Par Lucas Wisenthal
Si les micro-organismes peuvent survivre dans le Haut-Arctique, ils peuvent survivre partout. Depuis des années, le Pr Lyle Whyte explore les recoins en apparence les plus inhospitaliers de la toundra. Il y a fait des découvertes essentielles sur la vie microbienne à des températures glaciaires, sur Terre et au-delà.
Sur l’île Axel Heiberg (79° 26’ 0” N), où McGill exploite une Station de recherche arctique depuis 1960, la température moyenne est de moins 15 degrés Celsius. Pour atteindre la station, il faut prendre un avion jusqu’à Resolute au Nunavut (229 habitants), puis, si le temps le permet, parcourir les 700 kilomètres restants à bord d’un petit avion. En fait, gagner la Station de recherche arctique de McGill (dont l’acronyme anglais est MARS), c’est presque partir pour Mars! Et à en juger par les découvertes récentes sur la flore microbienne qui colonise l’île Axel Heiberg, tout porte à croire que nous sommes bel et bien sur la planète rouge.
Au cours des 10 dernières années, le Pr Lyle Whyte s’est rendu à la Station de recherche arctique de McGill une fois, voire deux fois l’an. OEuvrant au sein du Département des sciences des ressources naturelles de McGill, Lyle Whyte s’intéresse aux microbes qui pourraient coloniser le pergélisol inhospitalier de cette région. «Nous ne connaissons rien ou presque des limites inférieures de la vie des micro-organismes sur Terre», explique-t-il. «Survivent-ils à des températures négatives? Et si oui, comment?» Autant de questions lourdes de conséquences pour l’étude d’éventuelles formes de vie en dehors du système terrestre, car si les zones climatiques les plus impitoyables de la Terre ne sont pas entièrement inhospitalières, quelles surprises le sous-sol de Mars peut-il alors nous réserver?
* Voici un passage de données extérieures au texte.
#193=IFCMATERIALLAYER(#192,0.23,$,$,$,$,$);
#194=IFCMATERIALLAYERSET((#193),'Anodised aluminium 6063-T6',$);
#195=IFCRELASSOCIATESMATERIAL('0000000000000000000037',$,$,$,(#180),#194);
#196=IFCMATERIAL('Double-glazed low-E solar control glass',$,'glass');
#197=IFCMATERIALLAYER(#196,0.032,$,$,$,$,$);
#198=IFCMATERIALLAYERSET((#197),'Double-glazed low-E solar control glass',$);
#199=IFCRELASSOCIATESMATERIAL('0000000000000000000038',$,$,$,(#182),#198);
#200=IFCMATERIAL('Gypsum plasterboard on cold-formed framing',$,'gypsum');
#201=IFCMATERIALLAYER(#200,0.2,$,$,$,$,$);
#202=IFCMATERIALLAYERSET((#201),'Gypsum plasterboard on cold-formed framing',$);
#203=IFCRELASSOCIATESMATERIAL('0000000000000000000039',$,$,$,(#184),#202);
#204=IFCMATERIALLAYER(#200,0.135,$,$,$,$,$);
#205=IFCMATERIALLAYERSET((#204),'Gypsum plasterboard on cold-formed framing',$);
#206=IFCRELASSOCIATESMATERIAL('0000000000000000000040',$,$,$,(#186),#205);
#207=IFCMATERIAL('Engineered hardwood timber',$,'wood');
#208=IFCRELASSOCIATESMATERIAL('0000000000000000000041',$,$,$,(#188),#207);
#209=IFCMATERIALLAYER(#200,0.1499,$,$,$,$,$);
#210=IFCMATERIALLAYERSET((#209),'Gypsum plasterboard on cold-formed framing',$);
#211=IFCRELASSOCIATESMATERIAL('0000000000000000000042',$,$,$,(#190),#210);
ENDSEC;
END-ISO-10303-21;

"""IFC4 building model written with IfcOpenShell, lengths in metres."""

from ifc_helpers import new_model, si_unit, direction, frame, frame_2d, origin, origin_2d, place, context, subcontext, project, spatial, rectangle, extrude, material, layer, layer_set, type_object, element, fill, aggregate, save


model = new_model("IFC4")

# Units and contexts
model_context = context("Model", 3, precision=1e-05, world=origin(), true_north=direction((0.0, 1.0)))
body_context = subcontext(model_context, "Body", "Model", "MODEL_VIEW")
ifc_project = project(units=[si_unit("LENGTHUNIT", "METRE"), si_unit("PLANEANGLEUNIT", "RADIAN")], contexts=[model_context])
En 2008, la NASA a déployé l’atterrisseur Phoenix sur la planète Mars. Pour le Pr Whyte, les images retransmises par Phoenix n’avaient rien d’étrange. «Du point de vue de la géomorphologie, ces photos ressemblaient fort à la géologie et à la géographie que l’on peut observer autour de la station de McGill.» En 2003, le Pr Whyte et son équipe ont découvert que le pergélisol glacé du Haut-Arctique fourmillait de microbes. En collaboration avec Wayne Pollard, du Département de géographie, son équipe a analysé les communautés microbiennes qui colonisent les sources d’eau froide salée autour de la station. L’analyse de suintement de méthane dans le pergélisol a permis de découvrir une communauté de microbes qui inhalent du sulfate et survivent dans un milieu hypersalin extrêmement froid, alors qu’on pensait que ces petites bêtes ne vivaient que dans le fond des océans. Les données révèlent toutefois qu’elles pourraient coloniser pratiquement toutes les régions de la Terre et, pourquoi pas, d’autres planètes.
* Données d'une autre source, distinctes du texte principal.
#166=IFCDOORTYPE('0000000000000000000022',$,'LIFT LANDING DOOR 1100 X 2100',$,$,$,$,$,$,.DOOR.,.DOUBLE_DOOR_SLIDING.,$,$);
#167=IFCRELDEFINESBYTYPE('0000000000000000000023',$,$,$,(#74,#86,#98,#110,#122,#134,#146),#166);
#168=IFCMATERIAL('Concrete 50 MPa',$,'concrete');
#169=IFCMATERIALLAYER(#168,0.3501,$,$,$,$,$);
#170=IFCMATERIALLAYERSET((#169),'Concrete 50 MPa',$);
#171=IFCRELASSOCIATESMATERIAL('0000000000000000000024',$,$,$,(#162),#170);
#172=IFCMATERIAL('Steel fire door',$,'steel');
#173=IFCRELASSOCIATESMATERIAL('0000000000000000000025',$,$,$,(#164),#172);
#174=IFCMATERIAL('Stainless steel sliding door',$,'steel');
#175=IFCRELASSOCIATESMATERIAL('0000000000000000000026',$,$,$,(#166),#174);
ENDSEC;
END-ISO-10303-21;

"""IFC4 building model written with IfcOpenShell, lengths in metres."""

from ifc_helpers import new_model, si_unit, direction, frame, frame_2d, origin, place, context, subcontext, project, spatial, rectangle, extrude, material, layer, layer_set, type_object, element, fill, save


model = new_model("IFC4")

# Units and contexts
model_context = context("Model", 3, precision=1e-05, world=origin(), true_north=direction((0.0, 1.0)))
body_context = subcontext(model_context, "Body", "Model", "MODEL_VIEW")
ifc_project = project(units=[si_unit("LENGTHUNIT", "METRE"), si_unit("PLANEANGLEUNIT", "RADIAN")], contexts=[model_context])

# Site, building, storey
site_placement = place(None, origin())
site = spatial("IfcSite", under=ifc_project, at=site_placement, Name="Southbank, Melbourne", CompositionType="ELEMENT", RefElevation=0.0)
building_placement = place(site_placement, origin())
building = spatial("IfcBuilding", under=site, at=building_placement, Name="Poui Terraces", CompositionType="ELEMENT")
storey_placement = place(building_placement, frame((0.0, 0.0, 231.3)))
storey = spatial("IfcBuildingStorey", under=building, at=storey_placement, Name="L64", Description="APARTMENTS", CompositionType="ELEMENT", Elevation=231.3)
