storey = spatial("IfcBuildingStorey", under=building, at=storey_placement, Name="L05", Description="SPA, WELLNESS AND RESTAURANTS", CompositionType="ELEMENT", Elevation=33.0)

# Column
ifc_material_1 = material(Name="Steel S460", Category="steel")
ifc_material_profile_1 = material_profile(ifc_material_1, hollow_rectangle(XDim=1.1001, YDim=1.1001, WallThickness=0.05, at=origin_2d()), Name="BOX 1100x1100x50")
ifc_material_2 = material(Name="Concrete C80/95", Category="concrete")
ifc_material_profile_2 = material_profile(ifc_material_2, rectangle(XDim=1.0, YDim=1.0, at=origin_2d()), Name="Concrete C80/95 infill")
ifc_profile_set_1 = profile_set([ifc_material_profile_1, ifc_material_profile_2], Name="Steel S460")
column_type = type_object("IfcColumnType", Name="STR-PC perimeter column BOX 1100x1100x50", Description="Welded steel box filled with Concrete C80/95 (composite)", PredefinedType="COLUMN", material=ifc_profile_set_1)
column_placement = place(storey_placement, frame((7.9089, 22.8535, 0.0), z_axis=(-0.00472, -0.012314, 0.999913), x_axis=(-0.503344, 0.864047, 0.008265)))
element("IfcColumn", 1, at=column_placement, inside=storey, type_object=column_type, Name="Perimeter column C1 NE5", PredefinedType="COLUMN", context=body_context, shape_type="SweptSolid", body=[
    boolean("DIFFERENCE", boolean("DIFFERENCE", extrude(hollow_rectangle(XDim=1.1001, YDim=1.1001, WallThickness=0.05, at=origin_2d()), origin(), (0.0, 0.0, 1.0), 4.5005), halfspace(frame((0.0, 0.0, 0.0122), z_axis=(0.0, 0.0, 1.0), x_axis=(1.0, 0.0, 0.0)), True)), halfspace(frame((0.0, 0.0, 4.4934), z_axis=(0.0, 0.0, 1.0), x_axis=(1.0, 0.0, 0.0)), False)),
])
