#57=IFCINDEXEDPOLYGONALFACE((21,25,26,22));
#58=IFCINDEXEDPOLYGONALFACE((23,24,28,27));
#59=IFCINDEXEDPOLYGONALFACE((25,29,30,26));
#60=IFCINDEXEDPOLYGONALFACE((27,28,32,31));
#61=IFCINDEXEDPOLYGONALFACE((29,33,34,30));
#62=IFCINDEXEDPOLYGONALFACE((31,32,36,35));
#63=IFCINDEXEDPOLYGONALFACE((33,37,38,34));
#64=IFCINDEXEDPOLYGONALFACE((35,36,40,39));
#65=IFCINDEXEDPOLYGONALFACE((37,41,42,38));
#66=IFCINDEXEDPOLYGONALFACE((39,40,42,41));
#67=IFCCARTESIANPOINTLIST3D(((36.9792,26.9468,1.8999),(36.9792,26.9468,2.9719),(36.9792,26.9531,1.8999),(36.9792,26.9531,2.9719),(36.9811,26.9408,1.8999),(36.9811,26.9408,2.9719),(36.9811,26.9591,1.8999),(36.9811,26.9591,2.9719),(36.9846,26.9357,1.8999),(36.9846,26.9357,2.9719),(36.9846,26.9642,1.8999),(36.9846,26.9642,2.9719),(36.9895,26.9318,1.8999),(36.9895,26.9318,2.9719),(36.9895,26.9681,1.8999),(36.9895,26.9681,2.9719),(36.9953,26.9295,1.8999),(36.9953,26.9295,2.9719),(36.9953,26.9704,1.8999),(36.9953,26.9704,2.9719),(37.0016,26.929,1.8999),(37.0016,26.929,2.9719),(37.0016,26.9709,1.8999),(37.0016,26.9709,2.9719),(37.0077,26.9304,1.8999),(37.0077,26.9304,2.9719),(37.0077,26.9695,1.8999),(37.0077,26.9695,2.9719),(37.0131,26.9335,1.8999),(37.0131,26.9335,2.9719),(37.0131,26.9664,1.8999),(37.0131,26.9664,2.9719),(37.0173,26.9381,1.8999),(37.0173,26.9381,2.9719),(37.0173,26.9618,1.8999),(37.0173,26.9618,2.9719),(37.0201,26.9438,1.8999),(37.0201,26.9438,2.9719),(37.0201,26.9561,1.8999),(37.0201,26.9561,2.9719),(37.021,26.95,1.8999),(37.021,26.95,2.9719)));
Invisibles à l’oeil nu, ces organismes sont aux antipodes des « petits hommes verts » déambulant sur Mars – une planète froide dépourvue d’oxygène et dont la surface a été rendue stérile par les rayonnements – qui peuplent l’imaginaire collectif. Mais à quelques mètres sous cette surface désolée, à l’abri de l’environnement extérieur, il se pourrait fort bien qu’il y ait des traces de vie microscopique. « Si aucun microbe n’avait été découvert dans le pergélisol, les glaciers ou encore dans les couches de glace du Haut-Arctique, il serait alors inutile de chercher leur présence sur une planète telle que Mars », explique le Pr Whyte. « Mais nous avons découvert que ces milieux fourmillaient de microbes. » Et bien qu’il ne s’agisse que de simples bactéries, cette découverte pourrait avoir des conséquences scientifiques et philosophiques immenses pour l’humanité, «car cela signifie que la vie peut évoluer dans d’autres univers, même dans le système solaire ».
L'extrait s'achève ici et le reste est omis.